Jakarta, CNN Indonesia —
Pada Sabtu (14/12), parlemen Korea Selatan resmi mengusulkan pemakzulan Presiden Yoon Suk Yeol.
Hasil pemungutan suara parlemen menunjukkan 204 suara setuju, 85 suara menolak, 3 suara abstain, dan 8 suara menilai tidak sah.
Beberapa jam setelah pemakzulan, Yoon dibebaskan dari tugasnya sebagai presiden. Perdana Menteri Han Dack Soo segera mengambil peran sebagai kepala negara dan kekuasaan eksekutif sebagai presiden sementara.
Hakim Mahkamah Konstitusi (KC) Korea Selatan saat ini sedang mengkaji keputusan pemakzulan Yoon di parlemen untuk menentukan sah atau tidaknya keputusan tersebut. Proses di sini biasanya memakan waktu hingga 180 hari atau enam bulan.
Saat ini, Mahkamah Konstitusi mempunyai enam hakim, bukan sembilan hakim. Mereka harus sepakat dengan suara bulat untuk menerima pemakzulan.
Jika hakim tidak setuju, maka dakwaan tersebut tidak sah secara hukum dan kekuasaan kembali ke tangan Yoon, seperti dikutip dari The Guardian.
Namun, jika permohonan banding MK dikabulkan, keadaan akan berbeda. Di Korea Selatan, pemilu harus diadakan setidaknya 60 hari setelah keputusan diambil.
Jadi tidak menutup kemungkinan Korea Selatan akan mempunyai presiden baru pada Agustus 2025.
Perkiraan tersebut didasarkan pada perkiraan putusan Mahkamah Konstitusi yang disebut memakan waktu hingga 180 hari atau enam bulan, serta aturan Korea Selatan yang mengharuskan pemilu diadakan dua bulan setelah putusan tersebut.

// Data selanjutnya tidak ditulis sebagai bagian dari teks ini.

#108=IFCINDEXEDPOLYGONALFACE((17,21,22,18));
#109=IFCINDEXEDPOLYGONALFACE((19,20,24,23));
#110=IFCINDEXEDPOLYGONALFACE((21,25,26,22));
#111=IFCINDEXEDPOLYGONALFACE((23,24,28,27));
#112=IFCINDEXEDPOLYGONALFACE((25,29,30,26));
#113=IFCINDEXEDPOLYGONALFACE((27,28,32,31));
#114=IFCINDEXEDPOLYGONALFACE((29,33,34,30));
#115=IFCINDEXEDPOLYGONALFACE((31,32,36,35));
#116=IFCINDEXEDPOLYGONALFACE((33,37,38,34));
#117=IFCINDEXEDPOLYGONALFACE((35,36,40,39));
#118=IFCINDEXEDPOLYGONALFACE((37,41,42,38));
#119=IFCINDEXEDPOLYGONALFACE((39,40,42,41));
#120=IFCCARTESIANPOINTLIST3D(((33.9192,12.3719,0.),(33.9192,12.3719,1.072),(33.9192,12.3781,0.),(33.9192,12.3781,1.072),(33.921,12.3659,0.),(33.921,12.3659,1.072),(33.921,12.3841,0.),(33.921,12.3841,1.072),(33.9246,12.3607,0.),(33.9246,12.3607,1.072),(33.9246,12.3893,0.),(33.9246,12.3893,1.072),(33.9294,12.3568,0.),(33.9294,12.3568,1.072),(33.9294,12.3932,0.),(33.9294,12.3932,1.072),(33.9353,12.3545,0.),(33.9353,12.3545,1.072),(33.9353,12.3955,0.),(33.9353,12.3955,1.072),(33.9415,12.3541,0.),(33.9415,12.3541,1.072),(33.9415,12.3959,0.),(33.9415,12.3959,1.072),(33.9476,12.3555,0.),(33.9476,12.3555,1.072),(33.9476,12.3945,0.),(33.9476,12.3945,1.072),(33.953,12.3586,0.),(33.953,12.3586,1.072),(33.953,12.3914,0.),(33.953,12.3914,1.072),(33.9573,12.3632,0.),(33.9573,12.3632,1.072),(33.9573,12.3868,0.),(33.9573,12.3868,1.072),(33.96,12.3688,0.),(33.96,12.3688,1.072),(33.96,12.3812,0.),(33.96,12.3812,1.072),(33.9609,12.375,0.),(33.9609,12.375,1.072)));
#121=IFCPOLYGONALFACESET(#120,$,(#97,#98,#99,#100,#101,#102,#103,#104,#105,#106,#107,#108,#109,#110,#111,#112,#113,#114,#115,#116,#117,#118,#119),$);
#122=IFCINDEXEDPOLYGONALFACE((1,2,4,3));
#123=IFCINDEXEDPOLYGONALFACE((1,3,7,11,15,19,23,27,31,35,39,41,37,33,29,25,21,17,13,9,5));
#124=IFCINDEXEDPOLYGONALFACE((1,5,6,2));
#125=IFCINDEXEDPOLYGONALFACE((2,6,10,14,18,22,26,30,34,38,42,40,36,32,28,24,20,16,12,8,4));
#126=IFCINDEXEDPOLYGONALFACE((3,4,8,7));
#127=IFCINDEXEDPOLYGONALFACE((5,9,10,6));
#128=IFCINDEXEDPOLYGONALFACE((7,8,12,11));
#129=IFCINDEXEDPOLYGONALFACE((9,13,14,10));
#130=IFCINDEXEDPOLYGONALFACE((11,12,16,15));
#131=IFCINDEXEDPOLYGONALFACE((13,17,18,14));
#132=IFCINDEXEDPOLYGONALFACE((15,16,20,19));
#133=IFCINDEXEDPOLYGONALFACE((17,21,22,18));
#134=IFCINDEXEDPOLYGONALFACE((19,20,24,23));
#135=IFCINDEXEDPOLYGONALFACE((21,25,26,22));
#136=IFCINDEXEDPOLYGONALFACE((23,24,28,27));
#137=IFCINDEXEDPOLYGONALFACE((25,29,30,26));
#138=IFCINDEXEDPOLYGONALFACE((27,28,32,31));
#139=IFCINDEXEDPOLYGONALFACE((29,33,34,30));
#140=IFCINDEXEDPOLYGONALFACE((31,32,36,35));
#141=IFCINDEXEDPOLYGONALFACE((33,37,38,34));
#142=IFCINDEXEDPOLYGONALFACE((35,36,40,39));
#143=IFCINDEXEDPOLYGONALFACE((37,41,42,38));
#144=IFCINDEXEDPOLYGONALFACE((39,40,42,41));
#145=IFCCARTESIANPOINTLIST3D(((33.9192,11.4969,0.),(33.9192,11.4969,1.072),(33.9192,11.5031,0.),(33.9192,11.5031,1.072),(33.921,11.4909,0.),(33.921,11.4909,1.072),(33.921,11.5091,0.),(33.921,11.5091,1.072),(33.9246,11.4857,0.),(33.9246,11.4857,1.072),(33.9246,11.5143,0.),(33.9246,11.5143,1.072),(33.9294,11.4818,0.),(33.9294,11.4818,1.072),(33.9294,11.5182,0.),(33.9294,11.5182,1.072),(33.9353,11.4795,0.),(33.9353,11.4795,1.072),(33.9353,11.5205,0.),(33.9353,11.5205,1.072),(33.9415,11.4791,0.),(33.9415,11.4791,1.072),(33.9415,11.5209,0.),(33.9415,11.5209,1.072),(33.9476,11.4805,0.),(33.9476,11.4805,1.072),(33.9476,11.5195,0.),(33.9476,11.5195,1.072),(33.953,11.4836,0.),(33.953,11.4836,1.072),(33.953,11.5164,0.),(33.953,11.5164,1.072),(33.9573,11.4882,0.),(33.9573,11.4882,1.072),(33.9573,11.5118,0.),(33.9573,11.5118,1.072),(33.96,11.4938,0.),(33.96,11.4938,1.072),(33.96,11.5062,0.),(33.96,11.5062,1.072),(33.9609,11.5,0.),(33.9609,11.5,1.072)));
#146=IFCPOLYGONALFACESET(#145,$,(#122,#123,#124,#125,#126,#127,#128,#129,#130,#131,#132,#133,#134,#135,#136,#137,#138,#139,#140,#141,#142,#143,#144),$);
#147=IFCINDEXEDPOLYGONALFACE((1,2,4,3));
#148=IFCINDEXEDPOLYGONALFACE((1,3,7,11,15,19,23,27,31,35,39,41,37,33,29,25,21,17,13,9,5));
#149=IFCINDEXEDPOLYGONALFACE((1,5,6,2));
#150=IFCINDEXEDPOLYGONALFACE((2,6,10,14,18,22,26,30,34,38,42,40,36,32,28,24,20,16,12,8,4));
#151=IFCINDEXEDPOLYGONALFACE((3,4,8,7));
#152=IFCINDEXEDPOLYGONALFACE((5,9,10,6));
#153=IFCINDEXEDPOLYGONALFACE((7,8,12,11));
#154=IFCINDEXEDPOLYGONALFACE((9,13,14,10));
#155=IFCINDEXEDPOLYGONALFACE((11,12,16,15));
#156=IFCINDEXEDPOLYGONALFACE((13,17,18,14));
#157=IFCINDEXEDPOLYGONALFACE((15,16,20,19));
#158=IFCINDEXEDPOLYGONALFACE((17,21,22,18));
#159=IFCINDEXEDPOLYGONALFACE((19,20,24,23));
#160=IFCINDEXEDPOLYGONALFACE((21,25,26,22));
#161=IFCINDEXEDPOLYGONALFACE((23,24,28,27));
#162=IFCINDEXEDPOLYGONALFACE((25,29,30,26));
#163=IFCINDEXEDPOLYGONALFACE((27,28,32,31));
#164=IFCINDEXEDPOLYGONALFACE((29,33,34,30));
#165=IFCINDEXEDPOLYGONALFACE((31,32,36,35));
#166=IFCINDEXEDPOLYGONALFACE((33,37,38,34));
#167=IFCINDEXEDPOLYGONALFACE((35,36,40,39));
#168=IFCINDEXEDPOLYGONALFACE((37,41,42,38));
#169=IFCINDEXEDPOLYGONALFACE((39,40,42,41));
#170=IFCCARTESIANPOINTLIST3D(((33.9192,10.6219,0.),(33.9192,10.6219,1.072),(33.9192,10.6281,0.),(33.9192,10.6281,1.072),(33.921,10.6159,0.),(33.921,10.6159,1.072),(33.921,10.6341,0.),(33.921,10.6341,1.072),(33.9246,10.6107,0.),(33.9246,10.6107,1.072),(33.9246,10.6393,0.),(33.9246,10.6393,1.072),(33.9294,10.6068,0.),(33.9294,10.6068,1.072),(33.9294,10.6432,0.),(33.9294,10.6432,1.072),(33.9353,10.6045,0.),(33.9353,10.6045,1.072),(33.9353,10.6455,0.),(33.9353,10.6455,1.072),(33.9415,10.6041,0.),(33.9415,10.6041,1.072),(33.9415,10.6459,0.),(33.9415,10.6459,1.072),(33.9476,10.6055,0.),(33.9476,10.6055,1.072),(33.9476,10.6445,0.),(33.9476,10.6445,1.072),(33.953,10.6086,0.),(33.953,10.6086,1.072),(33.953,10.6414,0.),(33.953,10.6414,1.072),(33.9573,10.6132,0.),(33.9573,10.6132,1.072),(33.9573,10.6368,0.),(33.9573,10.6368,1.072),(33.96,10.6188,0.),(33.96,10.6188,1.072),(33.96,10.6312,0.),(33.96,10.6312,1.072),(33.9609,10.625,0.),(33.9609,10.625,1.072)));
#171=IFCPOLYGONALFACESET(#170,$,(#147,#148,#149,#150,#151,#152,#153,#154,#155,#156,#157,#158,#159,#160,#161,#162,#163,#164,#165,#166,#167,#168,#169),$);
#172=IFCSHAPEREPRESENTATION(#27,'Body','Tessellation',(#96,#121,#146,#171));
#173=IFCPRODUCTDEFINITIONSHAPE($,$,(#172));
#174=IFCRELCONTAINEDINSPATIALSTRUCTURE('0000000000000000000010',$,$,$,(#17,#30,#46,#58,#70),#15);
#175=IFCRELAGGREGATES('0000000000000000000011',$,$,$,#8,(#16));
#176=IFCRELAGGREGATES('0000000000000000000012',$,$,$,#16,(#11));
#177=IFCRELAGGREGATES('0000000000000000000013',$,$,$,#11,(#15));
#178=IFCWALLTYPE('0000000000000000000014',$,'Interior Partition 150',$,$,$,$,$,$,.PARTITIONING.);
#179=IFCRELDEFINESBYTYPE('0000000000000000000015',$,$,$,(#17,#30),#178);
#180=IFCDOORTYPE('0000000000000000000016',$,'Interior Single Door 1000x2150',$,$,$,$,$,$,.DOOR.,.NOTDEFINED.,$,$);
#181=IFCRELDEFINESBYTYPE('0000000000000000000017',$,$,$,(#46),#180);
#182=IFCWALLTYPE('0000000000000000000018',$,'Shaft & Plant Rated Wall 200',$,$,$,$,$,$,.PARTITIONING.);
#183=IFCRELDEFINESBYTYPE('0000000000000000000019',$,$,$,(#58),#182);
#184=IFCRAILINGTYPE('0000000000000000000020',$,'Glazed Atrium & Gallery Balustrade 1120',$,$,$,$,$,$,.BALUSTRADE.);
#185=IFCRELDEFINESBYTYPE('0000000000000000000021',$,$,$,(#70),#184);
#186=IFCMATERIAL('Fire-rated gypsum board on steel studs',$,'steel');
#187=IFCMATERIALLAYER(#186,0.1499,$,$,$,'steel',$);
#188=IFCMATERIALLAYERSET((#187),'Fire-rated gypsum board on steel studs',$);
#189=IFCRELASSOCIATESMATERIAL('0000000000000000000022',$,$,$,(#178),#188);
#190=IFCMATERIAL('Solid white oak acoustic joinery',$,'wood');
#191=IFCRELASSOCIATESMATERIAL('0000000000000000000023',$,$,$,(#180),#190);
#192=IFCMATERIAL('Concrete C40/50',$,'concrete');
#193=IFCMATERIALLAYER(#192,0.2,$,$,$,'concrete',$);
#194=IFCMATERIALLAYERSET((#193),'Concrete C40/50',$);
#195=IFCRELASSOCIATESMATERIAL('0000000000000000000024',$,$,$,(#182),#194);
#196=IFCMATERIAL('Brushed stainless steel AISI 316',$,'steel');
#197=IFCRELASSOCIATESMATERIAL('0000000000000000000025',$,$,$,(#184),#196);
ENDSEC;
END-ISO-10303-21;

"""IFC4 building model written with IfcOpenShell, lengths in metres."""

Korea Selatan berada dalam kekacauan politik setelah Yong mengumumkan darurat militer pada 3 Desember, yang hanya berlangsung enam jam.
Parlemen segera menolak undang-undang ini dan mengeluarkan resolusi penolakannya dalam sidang paripurna.
Yoon mengakui dalam pidatonya bahwa darurat militer adalah peringatan bagi oposisi di parlemen. Saat ini, bukan hal yang aneh jika kita terjebak dalam pembahasan agenda pemerintah. (isa/dna/bac)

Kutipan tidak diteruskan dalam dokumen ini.